Video tersebut diunggah oleh seorang warganet. Para gangster membawa
senjata tajam di siang hari. Beberapa pengguna jalan tampak takut dengan
kehadiran mereka. Tak hanya itu, mereka seakan bangga dengan apa yang mereka
lakukan dan mereka bawa.
Sontak, video ini pun menarik perhatian warganet. Mereka mempertanyakan
di manakah aparat sehingga para geng motor dengan bebas dan leluasan melakukan
tindakan demikian. Tindakan yang cukup mengintimidasi warga agar takut pada mereka.
Tindakan yang mencerminkan bahwa Medan adalah kota para gangster. Bahkan,
beberapa orang menyebut Medan adalah Gotham City saking menjamurnya para gangster
dan para preman.
Sebagai bukan warga Medan, tentu saya tidak bisa menilai
dari satu sisi saja. Kota besar lain pun juga memiliki masalah serupa. Saya yang
tinggal di Surabaya juga kerap mendengar berita bahkan sempat melihat sekumpulan
anak-anak muda dengan membawa senjata tajam berkeliaran di jalan. Sebagian besar
memang masih remaja tanggung.
Bedanya, mereka tak sampai melakukan konvoi di siang bolong
dan di tengah Kota Surabaya. Pernah beberapa kali mereka melakukannya saat malam
hari dan tak lama langsung dibekuk aparat. Alhasil, meski masih cukup was-was,
tetapi tak sampai membuat hati ciut untuk melakukan aktivitas.
Namun, hal itu berbeda dengan di Medan. Mengapa mereka bisa
leluasa melakukan hal itu? Mengapa mereka tak takut dengan aparat dan seakan
menantang para penegak hukum?
Sebulan lalu, saya melihat sebuah video mengenai aksi sebuah
tim reaksi cepat dari polisi Medan. Tim tersebut mendapat laporan dari warga
bahwa ada sekelompok gangster yang sedang melakukan kegiatan meresahkan.
Tim polisi lantas mendatangi tempat tersebut. Belum sampai
di lokasi, mereka sudah berjumpa dengan para anggota gangster. Jumlah mereka
cukup banyak sekitar 50 orang. dengan secepat kilat, mereka menyerang dan
melukai anggota polisi yang kalah jumlah dengan senjata tajam tanpa ampun.
Dalam video tersebut, seorang polisi yang sedang merekam
kegiatan patroli langsung tersungkur tak berdaya. Ia terdengar berteriak kesakitan
karena lengannya kena sabet senjata tajam.

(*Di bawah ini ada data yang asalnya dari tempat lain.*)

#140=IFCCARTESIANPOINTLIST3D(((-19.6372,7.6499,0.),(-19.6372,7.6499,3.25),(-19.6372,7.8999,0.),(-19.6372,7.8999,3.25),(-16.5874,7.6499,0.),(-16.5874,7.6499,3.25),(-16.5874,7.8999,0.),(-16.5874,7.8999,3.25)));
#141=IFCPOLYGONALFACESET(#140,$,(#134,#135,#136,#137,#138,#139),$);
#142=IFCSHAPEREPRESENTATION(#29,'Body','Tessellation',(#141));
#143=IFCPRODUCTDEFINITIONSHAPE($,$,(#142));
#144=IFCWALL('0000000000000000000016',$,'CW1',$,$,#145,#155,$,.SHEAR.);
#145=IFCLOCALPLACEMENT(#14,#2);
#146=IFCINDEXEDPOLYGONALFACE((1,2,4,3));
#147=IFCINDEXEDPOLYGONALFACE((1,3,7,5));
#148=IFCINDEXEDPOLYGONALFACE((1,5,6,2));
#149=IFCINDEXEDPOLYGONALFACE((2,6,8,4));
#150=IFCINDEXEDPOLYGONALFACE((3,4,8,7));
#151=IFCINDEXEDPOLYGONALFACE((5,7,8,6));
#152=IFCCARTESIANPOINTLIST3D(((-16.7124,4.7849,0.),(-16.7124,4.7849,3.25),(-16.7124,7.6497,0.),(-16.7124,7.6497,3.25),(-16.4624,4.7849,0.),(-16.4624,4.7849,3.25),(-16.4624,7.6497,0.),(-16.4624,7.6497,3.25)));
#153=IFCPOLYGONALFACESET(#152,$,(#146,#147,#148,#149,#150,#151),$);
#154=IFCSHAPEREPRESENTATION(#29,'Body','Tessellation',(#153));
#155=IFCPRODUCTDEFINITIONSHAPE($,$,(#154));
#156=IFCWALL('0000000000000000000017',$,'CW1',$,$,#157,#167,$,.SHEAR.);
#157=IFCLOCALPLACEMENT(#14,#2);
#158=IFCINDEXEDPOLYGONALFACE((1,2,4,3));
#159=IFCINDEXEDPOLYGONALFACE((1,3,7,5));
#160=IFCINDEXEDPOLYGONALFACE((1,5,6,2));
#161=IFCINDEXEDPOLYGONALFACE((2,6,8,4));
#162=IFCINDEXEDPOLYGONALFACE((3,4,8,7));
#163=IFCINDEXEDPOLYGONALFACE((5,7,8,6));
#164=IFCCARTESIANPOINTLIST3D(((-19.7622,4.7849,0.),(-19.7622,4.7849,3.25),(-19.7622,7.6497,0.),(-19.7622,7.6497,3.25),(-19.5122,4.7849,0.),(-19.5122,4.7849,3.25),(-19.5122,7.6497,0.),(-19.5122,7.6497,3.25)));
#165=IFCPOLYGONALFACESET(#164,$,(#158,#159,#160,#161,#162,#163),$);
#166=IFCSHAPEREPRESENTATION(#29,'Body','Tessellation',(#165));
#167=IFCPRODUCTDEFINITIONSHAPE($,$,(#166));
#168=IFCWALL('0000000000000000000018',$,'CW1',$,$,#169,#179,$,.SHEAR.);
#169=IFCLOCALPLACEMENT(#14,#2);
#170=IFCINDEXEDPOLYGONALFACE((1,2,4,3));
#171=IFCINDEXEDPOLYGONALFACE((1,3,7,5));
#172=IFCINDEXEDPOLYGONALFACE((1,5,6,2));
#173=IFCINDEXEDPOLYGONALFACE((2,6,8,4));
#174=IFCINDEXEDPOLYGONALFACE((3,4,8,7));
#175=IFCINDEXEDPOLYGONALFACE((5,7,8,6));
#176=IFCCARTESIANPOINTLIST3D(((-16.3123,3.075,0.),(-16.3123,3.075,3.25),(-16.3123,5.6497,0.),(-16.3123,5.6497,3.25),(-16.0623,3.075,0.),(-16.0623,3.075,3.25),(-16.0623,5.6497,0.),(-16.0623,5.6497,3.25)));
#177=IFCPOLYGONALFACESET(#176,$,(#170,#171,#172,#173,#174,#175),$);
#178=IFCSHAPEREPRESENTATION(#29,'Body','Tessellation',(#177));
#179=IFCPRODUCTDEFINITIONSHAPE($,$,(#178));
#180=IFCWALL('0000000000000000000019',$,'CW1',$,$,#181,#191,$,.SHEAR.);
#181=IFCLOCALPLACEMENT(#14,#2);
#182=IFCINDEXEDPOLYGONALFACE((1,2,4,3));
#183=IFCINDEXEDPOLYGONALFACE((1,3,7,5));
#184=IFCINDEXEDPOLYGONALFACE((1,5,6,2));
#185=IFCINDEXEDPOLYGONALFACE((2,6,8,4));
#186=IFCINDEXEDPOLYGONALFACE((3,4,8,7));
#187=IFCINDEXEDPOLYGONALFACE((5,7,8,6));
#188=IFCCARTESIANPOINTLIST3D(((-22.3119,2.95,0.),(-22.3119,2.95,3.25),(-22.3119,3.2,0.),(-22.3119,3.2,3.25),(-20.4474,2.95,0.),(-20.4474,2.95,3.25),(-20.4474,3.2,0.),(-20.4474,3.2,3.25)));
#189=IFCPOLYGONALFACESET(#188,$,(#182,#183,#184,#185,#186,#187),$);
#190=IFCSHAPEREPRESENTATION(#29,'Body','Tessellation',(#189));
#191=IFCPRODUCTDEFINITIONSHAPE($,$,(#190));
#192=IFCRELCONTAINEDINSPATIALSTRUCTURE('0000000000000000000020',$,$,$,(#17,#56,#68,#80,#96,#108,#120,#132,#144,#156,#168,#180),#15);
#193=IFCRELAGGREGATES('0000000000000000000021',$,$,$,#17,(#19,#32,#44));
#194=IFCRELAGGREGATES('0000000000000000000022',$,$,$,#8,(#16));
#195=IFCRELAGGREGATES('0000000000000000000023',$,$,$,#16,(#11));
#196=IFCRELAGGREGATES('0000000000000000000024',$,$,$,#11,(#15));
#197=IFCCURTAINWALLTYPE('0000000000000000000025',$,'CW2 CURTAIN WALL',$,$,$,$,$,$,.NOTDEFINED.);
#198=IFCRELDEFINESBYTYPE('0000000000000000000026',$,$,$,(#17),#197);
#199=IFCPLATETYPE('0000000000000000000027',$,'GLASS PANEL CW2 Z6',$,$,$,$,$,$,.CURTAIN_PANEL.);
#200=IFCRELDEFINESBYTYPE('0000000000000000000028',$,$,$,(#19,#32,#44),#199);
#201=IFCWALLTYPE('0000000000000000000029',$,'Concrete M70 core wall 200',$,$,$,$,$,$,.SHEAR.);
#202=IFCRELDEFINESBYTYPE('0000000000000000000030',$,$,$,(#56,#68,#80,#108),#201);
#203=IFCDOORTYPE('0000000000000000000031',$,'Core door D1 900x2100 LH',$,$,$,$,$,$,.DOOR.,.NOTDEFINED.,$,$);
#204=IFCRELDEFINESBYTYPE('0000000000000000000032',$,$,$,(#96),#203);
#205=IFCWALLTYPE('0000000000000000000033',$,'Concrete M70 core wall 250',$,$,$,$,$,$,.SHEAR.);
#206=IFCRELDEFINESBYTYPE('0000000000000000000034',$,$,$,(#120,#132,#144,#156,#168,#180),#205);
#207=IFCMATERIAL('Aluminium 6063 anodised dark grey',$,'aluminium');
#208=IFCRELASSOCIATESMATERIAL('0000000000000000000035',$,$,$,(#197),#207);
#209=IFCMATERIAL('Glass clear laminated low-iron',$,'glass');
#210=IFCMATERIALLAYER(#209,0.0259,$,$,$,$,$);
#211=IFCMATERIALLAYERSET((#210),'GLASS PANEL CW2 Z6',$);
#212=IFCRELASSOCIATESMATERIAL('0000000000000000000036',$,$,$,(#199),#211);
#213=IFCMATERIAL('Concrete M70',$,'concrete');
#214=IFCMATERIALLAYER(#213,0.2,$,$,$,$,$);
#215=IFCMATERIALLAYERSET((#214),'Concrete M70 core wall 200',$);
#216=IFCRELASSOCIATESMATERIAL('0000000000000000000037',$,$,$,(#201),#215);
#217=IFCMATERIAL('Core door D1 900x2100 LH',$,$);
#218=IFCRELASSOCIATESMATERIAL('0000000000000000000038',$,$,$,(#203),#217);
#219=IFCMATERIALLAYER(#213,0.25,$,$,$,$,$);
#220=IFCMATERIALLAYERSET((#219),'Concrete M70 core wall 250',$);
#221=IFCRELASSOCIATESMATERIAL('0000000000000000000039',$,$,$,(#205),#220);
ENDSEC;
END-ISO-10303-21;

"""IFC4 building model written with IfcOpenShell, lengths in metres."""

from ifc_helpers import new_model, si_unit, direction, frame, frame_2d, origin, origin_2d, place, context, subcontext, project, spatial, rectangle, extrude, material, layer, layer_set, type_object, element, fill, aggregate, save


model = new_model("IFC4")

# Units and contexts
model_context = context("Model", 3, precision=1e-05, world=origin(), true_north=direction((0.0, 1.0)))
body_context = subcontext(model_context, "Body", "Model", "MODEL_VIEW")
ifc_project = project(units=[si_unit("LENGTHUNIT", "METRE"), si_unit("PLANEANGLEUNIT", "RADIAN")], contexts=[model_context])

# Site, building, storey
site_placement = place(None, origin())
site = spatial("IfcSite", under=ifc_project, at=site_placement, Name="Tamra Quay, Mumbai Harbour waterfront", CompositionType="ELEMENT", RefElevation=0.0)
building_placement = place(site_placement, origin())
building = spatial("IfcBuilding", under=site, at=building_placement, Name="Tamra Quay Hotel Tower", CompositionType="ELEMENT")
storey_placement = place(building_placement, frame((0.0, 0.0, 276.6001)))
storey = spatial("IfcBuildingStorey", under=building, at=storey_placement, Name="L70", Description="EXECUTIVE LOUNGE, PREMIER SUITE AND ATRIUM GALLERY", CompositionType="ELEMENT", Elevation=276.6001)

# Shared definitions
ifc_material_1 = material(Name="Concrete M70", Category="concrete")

Video tersebut juga memperlihatkan
pula anggota polisi lain jatuh tak berdaya akibat serangan para gangster. Sungguh,
mirip di film-film aksi dan saya masih tak percaya hal tersebut adalah nyata
adanya.
Biasanya, saya melihat para polisi berhasil menangkap para
gangster atau preman dan menyeret mereka dibawa ke kantor polisi. Sebagai warga
biasa, tentu saat melihat hal tersebut rasanya lega. Paling tidak, para
penjahat yang berkeliaran sudah tertangkap.

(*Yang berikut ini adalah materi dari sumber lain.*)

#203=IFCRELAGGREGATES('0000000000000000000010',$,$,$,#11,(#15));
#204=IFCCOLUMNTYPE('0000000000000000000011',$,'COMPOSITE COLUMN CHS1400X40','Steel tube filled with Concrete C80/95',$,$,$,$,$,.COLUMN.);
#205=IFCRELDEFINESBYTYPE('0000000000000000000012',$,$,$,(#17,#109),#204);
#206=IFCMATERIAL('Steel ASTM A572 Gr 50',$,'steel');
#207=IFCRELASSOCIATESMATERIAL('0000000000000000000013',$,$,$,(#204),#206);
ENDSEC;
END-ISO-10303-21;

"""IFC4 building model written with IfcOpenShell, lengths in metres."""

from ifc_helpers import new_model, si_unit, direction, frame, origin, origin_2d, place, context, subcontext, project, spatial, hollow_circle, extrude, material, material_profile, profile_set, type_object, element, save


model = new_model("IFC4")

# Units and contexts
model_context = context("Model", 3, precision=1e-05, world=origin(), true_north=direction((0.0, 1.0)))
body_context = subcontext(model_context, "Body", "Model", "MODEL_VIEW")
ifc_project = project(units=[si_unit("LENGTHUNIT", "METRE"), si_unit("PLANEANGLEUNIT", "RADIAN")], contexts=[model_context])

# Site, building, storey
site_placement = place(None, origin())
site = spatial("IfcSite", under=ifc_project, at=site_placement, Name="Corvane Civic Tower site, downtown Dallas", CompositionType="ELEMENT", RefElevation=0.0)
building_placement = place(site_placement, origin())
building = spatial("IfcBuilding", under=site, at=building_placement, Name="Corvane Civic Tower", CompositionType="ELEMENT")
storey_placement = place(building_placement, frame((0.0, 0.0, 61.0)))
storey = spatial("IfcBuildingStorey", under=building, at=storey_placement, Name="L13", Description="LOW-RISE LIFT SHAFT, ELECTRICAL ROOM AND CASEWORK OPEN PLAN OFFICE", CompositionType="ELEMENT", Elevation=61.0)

Namun, lain kasus dengan apa yang terjadi di Medan. Polisi ternyata
kalah dengan para gangster. Dalam video yang saya lihat, seakan mereka tak
berdaya, tak punya taktik yang tepat, dan hatrus bertekuk lutut dengan para
gangster. Walau ada narasi para polisi berhasil menangkap beberapa anggota
gangster, tetap saja video tersebut memperlihatkan betapa lemahnya polisi
menghadapi para gangster.
Tidak hanya itu, para polisi yang berpatroli juga hanya melepaskan tembakan di udara yang tentu tidak membuat para gangster takut. Seharusnya memang dalam kondisi demikian, ketika ada perlawanan dan tindakan yang membahayakan personel polisi, sudah saatnya mereka ditindak dengan tindakan penembakan. Entah karena takut dengan HAM atau hal lain, yang jelas para polisi tidak berdaya.

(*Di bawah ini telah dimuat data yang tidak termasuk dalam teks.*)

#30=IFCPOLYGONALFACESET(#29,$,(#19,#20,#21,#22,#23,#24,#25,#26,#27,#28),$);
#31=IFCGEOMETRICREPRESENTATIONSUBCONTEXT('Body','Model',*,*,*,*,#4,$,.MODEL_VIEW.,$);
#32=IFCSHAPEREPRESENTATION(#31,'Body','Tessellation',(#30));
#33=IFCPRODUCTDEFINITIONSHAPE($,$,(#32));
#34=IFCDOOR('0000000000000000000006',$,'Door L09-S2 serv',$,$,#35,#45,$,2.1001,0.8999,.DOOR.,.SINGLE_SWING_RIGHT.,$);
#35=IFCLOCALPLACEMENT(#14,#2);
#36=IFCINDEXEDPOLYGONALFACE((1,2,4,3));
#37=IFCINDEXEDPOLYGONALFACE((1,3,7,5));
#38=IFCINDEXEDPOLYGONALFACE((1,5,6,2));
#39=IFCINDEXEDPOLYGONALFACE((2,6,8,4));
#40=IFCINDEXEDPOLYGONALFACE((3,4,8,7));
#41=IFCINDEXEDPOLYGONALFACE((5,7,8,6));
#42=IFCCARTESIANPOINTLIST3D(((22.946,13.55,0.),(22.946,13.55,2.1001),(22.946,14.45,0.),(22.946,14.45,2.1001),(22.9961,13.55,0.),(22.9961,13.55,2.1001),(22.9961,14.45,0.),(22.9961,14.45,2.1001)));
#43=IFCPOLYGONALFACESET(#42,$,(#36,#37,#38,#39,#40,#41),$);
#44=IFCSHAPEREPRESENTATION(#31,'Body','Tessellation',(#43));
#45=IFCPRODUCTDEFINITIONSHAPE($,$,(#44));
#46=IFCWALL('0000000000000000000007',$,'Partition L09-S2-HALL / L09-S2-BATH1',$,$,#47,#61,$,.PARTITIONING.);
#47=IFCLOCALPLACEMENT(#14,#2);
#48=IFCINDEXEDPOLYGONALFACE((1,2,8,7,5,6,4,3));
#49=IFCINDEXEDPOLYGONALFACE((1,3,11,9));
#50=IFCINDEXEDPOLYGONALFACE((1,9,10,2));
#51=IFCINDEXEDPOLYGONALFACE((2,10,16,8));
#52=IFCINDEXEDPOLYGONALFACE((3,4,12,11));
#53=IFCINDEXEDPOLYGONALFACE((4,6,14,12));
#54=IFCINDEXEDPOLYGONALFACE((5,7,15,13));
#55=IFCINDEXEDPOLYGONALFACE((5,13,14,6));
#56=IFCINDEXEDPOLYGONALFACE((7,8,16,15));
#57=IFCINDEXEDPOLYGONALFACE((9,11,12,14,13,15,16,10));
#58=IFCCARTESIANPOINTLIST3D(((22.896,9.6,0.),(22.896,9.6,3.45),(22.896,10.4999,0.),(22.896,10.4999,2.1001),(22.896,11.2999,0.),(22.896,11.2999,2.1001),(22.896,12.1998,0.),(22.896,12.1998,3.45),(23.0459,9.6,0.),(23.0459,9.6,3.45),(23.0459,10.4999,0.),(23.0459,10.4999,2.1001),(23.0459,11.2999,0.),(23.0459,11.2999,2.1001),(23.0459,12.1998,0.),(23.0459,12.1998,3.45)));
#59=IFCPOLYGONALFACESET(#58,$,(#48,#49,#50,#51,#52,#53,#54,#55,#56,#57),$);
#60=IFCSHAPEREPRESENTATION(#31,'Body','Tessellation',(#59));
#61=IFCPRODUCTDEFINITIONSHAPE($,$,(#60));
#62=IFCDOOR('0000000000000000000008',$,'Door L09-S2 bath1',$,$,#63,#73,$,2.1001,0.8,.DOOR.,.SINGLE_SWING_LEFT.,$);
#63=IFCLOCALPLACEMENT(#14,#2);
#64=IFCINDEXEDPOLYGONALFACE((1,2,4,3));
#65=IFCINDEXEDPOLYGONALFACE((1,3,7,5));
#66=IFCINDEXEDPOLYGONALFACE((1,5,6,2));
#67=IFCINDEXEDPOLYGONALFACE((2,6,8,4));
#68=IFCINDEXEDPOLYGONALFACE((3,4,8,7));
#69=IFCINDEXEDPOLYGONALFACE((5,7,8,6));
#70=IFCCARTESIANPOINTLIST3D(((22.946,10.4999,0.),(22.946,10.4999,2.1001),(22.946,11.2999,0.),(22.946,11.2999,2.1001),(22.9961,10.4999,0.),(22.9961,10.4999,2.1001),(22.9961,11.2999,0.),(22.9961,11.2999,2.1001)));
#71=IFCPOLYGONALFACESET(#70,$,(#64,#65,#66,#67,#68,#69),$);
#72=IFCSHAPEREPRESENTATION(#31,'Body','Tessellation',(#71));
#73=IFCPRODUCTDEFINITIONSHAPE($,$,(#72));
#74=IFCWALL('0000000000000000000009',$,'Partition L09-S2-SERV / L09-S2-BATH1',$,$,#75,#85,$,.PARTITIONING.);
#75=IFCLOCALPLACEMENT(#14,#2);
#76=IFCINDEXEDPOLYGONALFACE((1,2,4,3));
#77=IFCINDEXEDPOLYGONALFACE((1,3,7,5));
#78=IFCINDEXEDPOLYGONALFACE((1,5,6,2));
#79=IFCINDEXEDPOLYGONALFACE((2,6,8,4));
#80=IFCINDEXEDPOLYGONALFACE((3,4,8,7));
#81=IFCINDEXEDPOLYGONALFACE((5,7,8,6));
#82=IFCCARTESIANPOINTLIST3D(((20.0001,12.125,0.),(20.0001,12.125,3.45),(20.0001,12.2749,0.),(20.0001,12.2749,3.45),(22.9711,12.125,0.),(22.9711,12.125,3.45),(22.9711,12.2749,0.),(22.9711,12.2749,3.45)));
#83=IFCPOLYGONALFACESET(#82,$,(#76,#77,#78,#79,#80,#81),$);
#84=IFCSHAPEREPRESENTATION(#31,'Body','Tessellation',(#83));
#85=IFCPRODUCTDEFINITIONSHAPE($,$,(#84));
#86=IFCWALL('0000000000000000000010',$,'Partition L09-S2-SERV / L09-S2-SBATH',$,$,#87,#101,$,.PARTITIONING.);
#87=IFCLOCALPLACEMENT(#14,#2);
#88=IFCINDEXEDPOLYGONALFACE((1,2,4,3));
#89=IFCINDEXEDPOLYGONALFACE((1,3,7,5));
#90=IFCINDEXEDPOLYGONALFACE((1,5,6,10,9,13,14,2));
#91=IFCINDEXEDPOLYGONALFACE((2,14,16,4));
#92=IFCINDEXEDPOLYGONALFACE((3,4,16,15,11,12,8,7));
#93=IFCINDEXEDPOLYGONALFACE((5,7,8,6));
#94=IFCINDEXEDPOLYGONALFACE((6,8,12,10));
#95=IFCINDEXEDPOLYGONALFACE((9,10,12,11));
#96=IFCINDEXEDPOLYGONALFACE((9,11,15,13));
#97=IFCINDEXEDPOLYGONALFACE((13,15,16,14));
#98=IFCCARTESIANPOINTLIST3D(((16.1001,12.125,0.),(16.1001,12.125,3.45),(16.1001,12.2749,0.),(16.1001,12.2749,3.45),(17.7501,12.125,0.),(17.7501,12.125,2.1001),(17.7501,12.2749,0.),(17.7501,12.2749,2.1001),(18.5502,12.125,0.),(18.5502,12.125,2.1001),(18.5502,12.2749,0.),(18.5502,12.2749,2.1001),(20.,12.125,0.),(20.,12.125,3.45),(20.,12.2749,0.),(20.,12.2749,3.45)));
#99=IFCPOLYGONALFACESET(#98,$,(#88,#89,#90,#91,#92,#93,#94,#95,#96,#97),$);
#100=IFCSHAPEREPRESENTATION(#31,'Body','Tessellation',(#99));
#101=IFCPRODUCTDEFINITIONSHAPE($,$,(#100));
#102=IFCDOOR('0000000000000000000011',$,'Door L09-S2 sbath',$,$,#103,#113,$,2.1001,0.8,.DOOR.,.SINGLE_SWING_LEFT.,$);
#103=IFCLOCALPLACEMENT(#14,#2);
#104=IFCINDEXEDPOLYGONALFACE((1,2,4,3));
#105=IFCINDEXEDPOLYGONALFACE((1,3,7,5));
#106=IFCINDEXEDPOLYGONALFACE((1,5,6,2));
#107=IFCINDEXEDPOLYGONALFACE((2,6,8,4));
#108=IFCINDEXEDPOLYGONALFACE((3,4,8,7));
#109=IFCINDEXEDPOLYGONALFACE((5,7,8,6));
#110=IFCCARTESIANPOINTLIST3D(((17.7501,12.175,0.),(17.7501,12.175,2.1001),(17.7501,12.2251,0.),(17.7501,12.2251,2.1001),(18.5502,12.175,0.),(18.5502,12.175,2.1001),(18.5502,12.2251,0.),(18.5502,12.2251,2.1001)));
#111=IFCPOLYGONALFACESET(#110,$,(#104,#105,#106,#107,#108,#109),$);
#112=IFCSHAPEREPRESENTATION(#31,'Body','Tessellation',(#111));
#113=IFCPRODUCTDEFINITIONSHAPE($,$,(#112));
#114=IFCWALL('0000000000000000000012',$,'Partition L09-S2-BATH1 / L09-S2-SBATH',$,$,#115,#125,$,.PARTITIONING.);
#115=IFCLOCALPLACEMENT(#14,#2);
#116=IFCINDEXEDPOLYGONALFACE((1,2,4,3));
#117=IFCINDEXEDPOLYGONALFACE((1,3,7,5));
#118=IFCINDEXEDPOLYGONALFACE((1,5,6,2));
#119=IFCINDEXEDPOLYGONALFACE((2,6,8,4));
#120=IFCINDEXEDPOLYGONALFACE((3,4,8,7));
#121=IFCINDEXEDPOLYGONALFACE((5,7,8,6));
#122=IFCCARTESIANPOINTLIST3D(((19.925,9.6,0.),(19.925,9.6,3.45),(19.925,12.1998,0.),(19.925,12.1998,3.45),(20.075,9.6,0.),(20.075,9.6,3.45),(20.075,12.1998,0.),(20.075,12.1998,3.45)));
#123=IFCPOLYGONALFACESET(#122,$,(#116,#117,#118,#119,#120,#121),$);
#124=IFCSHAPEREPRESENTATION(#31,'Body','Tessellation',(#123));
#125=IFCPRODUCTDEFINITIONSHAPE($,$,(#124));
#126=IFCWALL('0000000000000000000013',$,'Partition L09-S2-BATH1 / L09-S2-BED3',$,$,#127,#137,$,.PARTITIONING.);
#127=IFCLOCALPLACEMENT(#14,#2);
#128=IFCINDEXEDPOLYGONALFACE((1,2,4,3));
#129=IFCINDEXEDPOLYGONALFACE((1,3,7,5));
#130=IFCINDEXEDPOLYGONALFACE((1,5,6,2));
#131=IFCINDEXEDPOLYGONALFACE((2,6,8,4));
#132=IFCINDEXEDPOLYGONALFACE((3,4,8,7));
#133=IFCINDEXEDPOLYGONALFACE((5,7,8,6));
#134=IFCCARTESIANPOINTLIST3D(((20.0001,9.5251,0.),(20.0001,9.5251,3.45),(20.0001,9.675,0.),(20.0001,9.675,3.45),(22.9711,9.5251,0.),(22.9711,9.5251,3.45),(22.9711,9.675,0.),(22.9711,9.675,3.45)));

Apalagi, polisi yang terkena sabetan senjata tajam bukan
polisi yang terlihat sangar dan menyeramkan seperti yang saya lihat di
Surabaya. Kata teman saya yang melihat video itu, ia lebih cocok menjadi model daripada polisi. Sampai ada komentar
dari warganet bagaimana gangster bisa takut jika polisinya semacam itu? Berbeda
dengan di Surabaya yang tampak garang dan terlihat meyakinkan untuk membuat
para gangster takut berkeliaran lagi.
Melihat dua kejadian tersebut, rasanya saat ini menjaga diri
adalah tindakan tepat. Mengurangi kegiatan saat malam hari di luar rumah jika
tidak perlu adalah kunci. Saya sendiri hingga kini masih membawa pisau lipat dan
paper spray untuk berjaga karena tidak memiliki kemampuan bela diri. Kalau akan
pulang ke kontrakan, saya selalu menunggu rekan saya yang berbadan gempal untuk
pulang bersama karena jalan menuju ke kontrakan juga sepi.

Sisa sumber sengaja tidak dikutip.